Figure 7. CLSPN loss results in effects similar to the effects of SLF2 loss.

1. Immunoblot analysis of SU‐DHL‐5 cells following CRISPR/Cas9 mediated CLSPN knockout (KO) with the indicated antibodies.
2. Immunoblot analysis of human SU‐DHL‐5 control and CLSPN ^KO cell lines upon DRB treatment (0.5 μM) for indicated time points with the indicated antibodies.
3. Quantification of the p‐CHK1 western blots from (B). Protein expression of p‐CHK1 was normalized to β‐Actin protein expression. p‐CHK1 expression in control cells at 3 h of doxorubicin treatment was arbitrarily set to 1. Data are presented as mean ± SD of n = 3 independent experiments. P‐value determined by two‐way ANOVA; Šídák's multiple comparisons test.
4. Immunoblot analysis of human SU‐DHL‐5 control and CLSPN ^KO cell lines with the indicated antibodies.
5. Quantification of the SAE1 and SAE2 western blots from (E). Protein expression of SAE1 and SAE2 was normalized to β‐Actin protein expression. SAE1 and SAE2 expression in control cells were arbitrarily set to 1. Data are presented as mean ± SD of n = 3 independent experiments. P‐value determined by unpaired t‐test.

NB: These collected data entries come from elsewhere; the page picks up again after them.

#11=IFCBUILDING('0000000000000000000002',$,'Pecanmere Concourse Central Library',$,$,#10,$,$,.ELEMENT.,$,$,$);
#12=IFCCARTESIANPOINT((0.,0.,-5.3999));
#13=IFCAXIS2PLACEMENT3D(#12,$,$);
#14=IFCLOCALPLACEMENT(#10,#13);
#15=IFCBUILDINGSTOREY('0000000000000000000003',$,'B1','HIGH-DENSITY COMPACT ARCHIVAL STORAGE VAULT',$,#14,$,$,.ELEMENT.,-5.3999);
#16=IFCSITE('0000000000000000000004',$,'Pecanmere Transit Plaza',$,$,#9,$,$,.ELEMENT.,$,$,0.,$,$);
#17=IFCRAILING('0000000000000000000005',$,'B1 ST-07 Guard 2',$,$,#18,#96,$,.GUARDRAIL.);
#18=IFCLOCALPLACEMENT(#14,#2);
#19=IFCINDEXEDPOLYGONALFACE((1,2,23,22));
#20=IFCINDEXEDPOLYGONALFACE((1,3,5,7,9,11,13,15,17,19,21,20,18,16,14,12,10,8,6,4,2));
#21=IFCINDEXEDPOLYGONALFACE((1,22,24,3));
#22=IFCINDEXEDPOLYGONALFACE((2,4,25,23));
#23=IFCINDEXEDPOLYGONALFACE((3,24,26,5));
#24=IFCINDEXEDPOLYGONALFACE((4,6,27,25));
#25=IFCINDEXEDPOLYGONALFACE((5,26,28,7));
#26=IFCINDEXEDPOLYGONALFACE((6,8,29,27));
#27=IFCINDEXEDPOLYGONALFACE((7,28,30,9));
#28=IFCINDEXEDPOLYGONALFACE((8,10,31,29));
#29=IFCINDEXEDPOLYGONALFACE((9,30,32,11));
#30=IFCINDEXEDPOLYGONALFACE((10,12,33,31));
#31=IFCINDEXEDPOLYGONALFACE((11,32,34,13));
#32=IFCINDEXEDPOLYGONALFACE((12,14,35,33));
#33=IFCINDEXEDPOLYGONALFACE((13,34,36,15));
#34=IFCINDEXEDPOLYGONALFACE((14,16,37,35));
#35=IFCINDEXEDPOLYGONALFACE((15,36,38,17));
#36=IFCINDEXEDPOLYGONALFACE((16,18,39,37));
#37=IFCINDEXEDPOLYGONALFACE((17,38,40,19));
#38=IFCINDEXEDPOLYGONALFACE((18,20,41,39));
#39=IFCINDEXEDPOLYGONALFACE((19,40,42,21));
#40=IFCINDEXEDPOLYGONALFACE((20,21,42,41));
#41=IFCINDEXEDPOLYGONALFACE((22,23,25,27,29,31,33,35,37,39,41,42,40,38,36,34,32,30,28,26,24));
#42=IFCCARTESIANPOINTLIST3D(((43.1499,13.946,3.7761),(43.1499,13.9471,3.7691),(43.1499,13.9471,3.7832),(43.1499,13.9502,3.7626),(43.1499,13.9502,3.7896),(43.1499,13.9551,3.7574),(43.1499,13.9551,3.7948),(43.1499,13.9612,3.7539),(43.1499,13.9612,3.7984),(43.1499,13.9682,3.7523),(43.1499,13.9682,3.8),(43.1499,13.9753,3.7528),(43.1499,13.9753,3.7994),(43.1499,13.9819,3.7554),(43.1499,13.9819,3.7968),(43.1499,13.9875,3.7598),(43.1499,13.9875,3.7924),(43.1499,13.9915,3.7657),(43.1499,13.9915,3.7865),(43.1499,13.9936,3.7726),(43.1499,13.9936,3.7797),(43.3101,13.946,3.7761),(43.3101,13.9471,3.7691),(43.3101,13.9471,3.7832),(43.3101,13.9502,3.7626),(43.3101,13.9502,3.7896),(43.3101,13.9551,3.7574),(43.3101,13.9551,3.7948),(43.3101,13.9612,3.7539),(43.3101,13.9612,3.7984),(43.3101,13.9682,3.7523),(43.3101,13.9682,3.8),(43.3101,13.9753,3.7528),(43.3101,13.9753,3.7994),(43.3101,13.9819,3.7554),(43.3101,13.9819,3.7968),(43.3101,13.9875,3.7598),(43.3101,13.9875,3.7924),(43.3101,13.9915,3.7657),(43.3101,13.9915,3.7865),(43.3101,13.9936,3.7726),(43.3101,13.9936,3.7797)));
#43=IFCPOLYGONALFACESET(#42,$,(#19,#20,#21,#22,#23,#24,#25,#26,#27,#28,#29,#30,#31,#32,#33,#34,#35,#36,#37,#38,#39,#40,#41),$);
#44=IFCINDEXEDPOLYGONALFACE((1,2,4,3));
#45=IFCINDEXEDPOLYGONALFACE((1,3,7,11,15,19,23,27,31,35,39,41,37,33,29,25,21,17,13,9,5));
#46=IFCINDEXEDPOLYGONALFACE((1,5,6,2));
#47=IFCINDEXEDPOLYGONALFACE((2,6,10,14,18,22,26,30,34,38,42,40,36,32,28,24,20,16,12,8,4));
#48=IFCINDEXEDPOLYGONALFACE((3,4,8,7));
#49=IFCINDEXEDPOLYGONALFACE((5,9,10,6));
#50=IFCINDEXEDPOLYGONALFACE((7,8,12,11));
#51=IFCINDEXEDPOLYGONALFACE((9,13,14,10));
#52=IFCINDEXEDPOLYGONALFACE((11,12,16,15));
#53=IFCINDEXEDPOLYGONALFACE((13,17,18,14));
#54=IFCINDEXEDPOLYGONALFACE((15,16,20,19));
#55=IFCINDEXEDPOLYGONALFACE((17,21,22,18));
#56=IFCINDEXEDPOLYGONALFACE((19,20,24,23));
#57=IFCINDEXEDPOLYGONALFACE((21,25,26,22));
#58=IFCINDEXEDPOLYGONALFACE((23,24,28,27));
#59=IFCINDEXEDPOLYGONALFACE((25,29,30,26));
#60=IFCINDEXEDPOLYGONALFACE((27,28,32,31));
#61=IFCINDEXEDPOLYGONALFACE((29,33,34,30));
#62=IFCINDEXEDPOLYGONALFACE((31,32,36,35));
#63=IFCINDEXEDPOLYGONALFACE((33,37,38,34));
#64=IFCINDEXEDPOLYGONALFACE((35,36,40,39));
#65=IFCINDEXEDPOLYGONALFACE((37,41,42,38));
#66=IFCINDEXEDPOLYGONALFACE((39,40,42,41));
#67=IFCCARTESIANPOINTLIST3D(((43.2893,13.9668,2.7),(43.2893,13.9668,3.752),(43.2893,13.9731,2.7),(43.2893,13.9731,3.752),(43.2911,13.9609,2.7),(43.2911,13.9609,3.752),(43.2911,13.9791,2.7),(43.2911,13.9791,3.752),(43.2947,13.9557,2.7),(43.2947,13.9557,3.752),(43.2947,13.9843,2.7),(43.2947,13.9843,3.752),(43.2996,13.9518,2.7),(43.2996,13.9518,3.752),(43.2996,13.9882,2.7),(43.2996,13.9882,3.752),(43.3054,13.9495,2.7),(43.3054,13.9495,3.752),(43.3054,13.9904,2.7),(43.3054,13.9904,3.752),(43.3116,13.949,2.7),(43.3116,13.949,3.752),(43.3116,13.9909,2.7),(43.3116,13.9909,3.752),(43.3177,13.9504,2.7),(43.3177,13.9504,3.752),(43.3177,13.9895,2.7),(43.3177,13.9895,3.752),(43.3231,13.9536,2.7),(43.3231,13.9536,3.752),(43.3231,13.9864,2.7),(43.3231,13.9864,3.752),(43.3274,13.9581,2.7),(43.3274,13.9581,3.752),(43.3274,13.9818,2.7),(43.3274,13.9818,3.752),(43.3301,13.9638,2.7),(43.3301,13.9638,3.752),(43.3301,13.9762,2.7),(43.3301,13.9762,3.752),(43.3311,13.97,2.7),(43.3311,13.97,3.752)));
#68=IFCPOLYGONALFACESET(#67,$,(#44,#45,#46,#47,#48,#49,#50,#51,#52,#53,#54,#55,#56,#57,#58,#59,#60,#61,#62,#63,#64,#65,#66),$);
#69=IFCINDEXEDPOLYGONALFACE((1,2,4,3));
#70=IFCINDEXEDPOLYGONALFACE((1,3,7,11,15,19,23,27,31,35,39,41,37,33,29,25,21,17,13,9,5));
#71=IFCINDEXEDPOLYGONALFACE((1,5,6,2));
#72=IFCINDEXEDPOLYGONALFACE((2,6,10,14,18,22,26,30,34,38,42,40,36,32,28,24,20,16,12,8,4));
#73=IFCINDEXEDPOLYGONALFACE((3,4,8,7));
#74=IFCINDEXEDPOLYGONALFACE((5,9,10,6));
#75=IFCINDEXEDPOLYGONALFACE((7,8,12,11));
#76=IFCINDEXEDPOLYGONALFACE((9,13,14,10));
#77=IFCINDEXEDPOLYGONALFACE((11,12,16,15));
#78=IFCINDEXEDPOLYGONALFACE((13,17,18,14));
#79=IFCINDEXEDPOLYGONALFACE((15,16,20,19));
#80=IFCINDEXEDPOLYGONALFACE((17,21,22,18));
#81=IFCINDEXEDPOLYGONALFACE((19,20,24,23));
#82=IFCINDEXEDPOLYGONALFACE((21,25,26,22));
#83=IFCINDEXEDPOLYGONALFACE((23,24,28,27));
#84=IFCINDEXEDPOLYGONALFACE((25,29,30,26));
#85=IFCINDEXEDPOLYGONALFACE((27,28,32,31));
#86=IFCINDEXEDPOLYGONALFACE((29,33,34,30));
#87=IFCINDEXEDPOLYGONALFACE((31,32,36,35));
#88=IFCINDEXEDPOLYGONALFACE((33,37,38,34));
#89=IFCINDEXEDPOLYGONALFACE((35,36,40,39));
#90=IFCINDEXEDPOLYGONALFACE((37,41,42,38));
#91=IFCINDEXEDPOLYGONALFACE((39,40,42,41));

6. SUMO inhibitor (SUMOi, TAK981; 0, 6.25, 12.5, 25, 50, 100, 200, 400, 800 nM) dose–response curves of CLSPN ^KO and control SU‐DHL‐5 cells. Cells were treated with increasing concentrations of SUMOi for 72 h and viability was determined by negative of DAPI staining and flow cytometry measurement. Error bars represent SD from three independent experiments.
7. Mafosphamide dose–response curves of CLSPN ^KO and control SU‐DHL‐5 cells. Cells were treated with mafosphamide (MAF; 0, 31.25, 62.5, 125, 250, 500, 1,000, 2,000, 4,000 ng/ml) for 48 h and viability was determined by negative of DAPI staining and flow cytometry measurement. Error bars represent SD from three independent experiments.

Source data are available online for this figure.